I would like to urge all foreign teachers looking to work in China's expanding ESL job market to avoid BNOFLS. Use your intelligence and do not get lured by gimmicky advertising campaigns and the slick sales pitch that will promise all sorts of very wonderful things that will never mirror the realities of working here.
Firstly, the Beijing New Oriental Foreign Language School group (BNOFLS) is not really a 'school'. It is a corporation with a business strategy, not an educational strategy, that is merely cashing in on a national obsession for learning English. English learning is China's new service industry and BNOFLS has exploited this to the extreme, as evidenced by foreign teachers employed here who are all expected to contribute to a marketing process; mostly as performing puppets to give the impression that their presence is vital for effective English teaching.
The owner of BNOFLS admitted in an interview with the Washington Post that foreign teachers are NOT employed to be teachers or instructors. Actual English teaching is the sole responsibility of English-speaking Chinese instructors in classes separate from yours. They are contracted as instructors, you are not. Any attempt to assume the role of an instructor by, for example introducing teaching skills associated with TEFL/TESOL, is punished. And, Big Brother will know, because he could be watching you from the camera located on the back ceiling of most classrooms.

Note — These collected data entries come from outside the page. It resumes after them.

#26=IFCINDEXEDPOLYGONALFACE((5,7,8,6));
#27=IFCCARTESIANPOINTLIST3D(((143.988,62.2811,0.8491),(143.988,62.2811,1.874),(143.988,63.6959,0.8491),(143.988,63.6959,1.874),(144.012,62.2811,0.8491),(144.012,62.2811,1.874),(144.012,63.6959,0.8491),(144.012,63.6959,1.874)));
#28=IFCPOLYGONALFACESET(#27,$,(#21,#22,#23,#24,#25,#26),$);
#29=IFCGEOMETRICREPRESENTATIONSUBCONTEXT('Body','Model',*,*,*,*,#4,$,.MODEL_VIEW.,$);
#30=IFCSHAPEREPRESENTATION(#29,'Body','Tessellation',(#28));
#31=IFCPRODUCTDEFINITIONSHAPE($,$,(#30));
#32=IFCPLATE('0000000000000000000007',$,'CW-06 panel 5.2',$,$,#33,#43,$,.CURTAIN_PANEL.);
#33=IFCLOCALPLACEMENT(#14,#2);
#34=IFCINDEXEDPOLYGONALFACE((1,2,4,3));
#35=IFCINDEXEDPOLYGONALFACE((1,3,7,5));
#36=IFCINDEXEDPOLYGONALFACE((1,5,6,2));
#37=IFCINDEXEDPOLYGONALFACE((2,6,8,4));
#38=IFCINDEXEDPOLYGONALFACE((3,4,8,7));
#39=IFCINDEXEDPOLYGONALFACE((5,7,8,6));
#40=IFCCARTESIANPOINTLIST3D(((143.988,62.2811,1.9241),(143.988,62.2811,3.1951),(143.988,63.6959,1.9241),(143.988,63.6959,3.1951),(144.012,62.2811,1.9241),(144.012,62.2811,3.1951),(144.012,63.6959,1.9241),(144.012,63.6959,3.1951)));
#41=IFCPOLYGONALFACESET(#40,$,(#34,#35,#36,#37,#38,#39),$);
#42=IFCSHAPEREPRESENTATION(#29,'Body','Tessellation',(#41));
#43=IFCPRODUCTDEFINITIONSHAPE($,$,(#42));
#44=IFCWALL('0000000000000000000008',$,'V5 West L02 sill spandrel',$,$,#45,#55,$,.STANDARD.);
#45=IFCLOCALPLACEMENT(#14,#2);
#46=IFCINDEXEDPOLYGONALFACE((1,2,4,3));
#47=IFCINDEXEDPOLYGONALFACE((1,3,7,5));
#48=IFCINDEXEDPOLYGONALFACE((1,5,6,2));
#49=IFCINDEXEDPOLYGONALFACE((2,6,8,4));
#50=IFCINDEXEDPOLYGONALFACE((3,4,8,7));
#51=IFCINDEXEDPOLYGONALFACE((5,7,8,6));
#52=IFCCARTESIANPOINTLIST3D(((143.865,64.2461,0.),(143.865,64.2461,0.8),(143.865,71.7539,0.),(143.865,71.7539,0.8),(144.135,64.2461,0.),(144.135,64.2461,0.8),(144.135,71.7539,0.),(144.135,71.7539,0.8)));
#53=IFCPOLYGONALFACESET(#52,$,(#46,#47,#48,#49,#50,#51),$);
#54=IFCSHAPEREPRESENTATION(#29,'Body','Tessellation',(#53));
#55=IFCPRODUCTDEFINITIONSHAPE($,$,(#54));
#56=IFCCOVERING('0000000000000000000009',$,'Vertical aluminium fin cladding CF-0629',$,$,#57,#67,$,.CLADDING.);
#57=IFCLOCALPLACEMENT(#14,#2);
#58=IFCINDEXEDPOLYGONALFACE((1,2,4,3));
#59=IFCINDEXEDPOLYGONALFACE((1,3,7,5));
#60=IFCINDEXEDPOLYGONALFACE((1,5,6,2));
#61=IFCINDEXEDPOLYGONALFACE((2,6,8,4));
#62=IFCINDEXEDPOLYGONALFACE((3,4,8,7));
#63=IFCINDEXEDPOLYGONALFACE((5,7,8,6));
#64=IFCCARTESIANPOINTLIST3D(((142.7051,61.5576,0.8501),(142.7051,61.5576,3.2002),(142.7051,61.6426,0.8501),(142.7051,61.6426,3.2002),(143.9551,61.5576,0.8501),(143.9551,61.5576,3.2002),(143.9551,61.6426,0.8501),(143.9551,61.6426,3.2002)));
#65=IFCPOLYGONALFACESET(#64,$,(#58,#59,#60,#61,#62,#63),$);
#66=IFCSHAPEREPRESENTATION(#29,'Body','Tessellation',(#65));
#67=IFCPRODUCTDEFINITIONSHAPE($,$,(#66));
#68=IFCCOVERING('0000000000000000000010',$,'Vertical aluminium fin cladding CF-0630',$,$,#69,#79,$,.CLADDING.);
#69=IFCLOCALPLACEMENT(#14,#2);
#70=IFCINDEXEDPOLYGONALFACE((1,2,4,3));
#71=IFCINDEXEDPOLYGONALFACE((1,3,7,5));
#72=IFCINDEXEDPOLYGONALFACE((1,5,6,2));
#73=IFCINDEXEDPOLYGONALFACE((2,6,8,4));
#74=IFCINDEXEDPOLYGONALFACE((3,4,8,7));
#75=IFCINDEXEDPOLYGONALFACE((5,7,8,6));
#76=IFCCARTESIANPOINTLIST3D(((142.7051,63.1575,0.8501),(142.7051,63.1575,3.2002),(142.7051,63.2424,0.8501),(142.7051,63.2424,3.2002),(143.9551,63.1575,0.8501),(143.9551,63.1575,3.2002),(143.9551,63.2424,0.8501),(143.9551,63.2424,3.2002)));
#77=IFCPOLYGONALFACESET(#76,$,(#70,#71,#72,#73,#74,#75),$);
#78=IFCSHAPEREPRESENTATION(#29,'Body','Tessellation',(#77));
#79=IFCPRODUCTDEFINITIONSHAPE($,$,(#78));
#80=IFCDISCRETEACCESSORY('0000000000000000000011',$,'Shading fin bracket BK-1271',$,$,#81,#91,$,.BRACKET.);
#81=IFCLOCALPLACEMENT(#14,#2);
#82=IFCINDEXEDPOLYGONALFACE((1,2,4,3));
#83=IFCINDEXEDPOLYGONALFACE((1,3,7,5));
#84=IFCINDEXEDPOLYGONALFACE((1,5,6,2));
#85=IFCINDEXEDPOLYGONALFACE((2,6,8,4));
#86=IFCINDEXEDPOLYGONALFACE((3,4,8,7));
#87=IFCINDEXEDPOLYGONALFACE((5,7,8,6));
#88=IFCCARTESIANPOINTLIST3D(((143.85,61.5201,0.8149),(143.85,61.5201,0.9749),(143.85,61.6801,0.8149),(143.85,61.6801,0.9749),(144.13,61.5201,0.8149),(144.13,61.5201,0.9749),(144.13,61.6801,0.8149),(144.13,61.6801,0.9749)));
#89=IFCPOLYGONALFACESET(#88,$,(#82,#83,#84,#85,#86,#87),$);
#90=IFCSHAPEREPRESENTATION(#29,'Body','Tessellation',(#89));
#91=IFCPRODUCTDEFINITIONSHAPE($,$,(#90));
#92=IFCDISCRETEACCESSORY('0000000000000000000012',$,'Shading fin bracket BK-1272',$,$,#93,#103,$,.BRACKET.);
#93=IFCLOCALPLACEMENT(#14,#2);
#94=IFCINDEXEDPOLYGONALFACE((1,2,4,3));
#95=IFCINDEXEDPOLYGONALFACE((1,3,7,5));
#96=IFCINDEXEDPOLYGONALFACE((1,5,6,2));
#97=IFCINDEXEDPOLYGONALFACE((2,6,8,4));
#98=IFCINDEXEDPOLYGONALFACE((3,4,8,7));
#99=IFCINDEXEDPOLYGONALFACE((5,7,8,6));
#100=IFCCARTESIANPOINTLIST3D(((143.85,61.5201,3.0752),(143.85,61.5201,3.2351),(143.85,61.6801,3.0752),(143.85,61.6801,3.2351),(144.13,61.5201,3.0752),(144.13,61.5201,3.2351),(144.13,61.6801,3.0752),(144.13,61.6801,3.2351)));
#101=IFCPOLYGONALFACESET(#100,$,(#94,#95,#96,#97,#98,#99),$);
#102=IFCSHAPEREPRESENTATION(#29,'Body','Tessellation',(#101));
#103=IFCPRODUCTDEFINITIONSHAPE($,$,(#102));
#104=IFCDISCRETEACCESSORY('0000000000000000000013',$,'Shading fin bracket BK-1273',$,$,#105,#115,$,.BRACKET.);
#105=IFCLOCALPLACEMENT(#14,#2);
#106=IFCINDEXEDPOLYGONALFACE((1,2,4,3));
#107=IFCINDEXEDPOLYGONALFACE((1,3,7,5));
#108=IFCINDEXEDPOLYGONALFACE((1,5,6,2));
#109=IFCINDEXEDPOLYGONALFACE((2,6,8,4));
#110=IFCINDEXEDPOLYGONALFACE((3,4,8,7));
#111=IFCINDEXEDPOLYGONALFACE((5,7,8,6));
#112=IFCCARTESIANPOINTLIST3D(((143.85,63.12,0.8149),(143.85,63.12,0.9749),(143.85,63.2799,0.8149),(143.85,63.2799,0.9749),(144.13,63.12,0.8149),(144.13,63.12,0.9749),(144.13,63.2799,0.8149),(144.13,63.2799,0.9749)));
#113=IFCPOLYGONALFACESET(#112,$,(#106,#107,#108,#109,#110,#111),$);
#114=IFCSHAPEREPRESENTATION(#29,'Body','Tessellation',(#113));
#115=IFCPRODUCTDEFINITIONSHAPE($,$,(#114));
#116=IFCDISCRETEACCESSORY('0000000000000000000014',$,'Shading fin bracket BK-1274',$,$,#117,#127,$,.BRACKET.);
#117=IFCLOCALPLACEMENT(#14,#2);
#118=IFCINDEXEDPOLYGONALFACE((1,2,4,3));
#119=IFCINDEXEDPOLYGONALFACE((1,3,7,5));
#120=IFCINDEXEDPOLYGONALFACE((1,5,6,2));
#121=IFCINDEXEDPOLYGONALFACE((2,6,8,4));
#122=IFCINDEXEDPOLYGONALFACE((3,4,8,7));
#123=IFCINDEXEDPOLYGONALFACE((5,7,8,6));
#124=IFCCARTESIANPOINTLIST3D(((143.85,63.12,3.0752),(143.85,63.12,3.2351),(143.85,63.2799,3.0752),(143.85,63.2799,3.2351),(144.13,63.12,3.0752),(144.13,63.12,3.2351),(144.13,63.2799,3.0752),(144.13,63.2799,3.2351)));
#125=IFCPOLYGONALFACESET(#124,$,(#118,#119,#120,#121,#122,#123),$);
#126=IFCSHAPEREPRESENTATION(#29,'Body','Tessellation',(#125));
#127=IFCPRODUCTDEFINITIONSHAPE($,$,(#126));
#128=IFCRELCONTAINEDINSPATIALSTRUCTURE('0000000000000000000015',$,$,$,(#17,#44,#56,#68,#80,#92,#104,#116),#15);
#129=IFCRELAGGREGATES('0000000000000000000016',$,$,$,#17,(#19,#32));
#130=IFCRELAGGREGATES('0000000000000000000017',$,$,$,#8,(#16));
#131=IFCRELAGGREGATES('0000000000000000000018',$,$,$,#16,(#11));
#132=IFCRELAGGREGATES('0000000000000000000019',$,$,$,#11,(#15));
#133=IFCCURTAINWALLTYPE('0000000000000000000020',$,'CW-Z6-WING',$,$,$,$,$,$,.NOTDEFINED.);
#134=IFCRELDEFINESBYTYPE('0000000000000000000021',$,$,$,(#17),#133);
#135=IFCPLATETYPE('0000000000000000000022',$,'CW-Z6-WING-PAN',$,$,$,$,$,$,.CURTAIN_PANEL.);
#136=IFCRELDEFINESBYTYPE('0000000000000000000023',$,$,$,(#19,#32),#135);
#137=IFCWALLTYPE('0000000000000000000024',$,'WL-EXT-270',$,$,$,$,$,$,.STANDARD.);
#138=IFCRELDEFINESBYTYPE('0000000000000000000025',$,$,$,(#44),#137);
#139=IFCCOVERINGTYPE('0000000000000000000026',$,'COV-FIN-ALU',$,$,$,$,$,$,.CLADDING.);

As 'marketing tools,' all foreign teachers are paraded in front of parents like show pieces during open school days as if integral components vital to their child's learning process. This creates the impression their child is benefitting from instruction from a foreign teacher. So, foreign teachers are not the only ones being fooled by BNOFLS, but also the parents who are taken in by advertising campaigns and sales pitches before handing over extortionate sums of money for an education they believe will give their kids an advantage in the future job market. Foreign teachers are sometimes ordered to engage in bizarre activities, even if this means dressing-up for a public performance, to perpetuate the myth that BNOFLS is a great place to be. There are consequences for foreign teachers who refuse.

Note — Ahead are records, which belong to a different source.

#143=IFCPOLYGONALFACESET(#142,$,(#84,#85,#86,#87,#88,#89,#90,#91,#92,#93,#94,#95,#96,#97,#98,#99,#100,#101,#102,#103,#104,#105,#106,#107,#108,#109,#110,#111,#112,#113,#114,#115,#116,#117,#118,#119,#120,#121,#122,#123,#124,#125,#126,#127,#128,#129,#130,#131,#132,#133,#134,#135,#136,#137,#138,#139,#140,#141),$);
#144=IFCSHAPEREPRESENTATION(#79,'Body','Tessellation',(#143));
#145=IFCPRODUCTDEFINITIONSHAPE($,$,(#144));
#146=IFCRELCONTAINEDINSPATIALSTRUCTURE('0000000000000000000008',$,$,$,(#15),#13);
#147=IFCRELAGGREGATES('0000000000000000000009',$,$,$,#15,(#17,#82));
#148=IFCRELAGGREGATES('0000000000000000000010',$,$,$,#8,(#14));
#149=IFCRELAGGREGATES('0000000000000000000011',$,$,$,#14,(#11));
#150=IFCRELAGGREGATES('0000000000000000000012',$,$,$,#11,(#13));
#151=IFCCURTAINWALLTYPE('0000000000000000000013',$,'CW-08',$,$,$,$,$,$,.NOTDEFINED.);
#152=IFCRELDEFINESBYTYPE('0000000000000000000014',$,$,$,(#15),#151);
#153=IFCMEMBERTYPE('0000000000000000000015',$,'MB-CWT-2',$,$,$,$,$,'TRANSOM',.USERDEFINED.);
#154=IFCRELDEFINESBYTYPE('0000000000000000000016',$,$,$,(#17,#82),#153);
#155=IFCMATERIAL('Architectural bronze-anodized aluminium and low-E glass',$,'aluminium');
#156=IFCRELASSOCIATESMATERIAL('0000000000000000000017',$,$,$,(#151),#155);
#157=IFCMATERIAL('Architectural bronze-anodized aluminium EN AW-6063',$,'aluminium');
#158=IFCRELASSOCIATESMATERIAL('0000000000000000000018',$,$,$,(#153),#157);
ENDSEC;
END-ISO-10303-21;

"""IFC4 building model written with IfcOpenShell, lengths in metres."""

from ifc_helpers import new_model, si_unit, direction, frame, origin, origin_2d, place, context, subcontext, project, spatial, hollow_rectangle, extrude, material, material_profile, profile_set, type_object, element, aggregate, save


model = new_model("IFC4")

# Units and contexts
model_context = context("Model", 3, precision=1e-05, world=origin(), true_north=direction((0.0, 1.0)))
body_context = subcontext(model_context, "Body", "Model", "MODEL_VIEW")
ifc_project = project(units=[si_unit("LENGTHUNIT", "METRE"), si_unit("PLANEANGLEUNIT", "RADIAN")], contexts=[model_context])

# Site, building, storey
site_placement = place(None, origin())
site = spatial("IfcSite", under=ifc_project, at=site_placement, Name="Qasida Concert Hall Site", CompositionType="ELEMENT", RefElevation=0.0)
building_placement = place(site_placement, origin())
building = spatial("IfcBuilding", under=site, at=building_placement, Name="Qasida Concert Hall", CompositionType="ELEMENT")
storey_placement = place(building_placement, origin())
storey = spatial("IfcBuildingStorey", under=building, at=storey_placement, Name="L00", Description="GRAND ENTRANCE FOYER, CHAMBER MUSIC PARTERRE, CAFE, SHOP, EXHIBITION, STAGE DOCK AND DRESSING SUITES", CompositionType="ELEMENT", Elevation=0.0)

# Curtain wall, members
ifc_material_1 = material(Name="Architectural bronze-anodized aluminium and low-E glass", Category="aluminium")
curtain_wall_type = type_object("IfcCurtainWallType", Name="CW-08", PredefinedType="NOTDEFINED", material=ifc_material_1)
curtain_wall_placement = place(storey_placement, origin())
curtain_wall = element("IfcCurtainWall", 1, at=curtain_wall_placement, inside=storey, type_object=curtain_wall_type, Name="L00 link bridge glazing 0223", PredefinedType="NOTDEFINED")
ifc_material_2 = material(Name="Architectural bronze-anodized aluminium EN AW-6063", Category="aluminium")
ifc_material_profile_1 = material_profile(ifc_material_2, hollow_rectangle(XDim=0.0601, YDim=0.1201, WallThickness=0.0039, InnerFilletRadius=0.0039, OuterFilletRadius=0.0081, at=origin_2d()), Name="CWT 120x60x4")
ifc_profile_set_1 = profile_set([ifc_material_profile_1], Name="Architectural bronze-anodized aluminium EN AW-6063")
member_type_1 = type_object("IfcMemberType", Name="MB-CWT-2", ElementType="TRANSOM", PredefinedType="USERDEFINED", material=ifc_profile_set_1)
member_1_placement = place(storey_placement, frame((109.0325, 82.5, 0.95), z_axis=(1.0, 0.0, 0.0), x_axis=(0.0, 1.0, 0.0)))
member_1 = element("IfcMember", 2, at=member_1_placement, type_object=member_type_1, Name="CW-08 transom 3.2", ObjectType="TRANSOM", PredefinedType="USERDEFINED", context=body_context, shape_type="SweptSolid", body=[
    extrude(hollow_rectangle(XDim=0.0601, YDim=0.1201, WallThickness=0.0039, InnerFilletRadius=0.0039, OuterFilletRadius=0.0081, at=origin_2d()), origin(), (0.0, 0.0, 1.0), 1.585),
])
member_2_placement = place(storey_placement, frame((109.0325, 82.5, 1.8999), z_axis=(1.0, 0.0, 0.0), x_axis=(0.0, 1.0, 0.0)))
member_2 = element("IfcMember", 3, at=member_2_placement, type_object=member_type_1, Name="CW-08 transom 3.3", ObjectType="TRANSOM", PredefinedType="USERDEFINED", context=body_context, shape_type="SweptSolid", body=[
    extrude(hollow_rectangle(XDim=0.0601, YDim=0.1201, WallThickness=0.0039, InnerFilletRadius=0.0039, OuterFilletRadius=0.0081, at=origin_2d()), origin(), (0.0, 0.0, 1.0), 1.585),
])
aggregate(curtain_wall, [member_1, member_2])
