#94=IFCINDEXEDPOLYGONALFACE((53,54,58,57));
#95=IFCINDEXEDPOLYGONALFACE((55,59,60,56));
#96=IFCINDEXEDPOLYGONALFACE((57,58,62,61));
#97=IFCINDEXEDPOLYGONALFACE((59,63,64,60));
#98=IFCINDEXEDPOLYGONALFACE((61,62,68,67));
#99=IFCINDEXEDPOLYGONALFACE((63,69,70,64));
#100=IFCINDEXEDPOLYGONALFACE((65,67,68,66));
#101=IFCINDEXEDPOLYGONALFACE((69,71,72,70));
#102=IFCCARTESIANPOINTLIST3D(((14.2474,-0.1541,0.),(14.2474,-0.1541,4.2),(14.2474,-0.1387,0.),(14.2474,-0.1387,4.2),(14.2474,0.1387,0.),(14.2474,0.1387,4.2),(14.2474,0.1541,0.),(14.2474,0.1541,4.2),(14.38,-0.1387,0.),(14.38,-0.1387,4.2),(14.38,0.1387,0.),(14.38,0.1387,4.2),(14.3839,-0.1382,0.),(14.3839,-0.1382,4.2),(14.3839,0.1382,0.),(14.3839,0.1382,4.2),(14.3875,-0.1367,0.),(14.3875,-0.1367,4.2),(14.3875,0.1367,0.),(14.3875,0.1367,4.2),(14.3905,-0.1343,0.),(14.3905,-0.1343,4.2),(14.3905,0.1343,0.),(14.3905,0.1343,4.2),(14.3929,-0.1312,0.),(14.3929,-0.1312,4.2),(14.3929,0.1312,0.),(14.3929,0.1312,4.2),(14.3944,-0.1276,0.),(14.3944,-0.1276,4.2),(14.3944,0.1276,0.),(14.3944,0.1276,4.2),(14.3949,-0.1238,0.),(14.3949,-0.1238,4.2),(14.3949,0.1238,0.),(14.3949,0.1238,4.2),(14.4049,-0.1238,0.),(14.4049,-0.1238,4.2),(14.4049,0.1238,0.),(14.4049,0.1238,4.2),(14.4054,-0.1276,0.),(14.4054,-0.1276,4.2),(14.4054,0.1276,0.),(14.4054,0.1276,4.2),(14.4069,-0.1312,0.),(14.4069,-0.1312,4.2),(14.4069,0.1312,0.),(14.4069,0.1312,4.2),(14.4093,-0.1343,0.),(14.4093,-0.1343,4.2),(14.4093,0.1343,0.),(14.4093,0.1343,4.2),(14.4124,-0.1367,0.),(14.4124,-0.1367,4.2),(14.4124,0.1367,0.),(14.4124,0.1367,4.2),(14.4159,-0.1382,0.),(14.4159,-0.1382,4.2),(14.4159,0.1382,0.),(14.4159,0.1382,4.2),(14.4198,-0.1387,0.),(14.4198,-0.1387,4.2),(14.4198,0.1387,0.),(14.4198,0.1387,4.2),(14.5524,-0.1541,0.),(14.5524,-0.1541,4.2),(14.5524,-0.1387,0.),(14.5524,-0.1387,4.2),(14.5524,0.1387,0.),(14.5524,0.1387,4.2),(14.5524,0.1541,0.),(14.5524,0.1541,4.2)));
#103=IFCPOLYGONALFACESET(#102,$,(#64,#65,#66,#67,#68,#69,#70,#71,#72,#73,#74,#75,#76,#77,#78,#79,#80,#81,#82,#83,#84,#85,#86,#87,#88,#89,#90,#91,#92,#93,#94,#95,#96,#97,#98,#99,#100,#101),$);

Contractual arrangements for foreign teachers are never clearly defined and job descriptions remain shrouded in ambiguity. Foreign teachers who challenge the authority powers of the school or dare to raise awkward questions about the role or purpose job of a foreign teacher are escorted from the premises (by security guards, so I've heard). In short, lessons conducted by a BNOFLS foreign teacher are not an integral part of the daily curriculum as far as the instructors or students are concerned, and exist peripheral to the whole operation. The rulings of several court cases is proof enough that BNOFLS exists only to pirate advance copies of university entrance examinations illegally obtained to sell to students' parents for money. That is, when BNOFLS is not busy 'polishing' exam results to enable its graduates to enter foreign universities; again, in what is a lucrative side business of employing 'gunners' (BNOFLS-appointed examinees who will stand in for the real candidates).
Classroom activities are nothing more than performing a few songs and games. Sounds easy? Well, yes it is... until angry parents confront you demanding why the hell you're not actually teaching anything useful! Groups of frustrated parents find it impossible to accept the fact that foreign teachers are not employed as teachers. They are dumb-struck when they discover foreign teachers are discouraged from using textbooks designed for language-learning purposes in class or employing other resources to add to levels of skill. Singing songs in class is fun, of course, but when repeated twenty times a day, day after day, month after month, this is hardly a productive contribution to the whole language learning process for all students. Attempts to introduce anything that resembles teaching result in disciplinary measures.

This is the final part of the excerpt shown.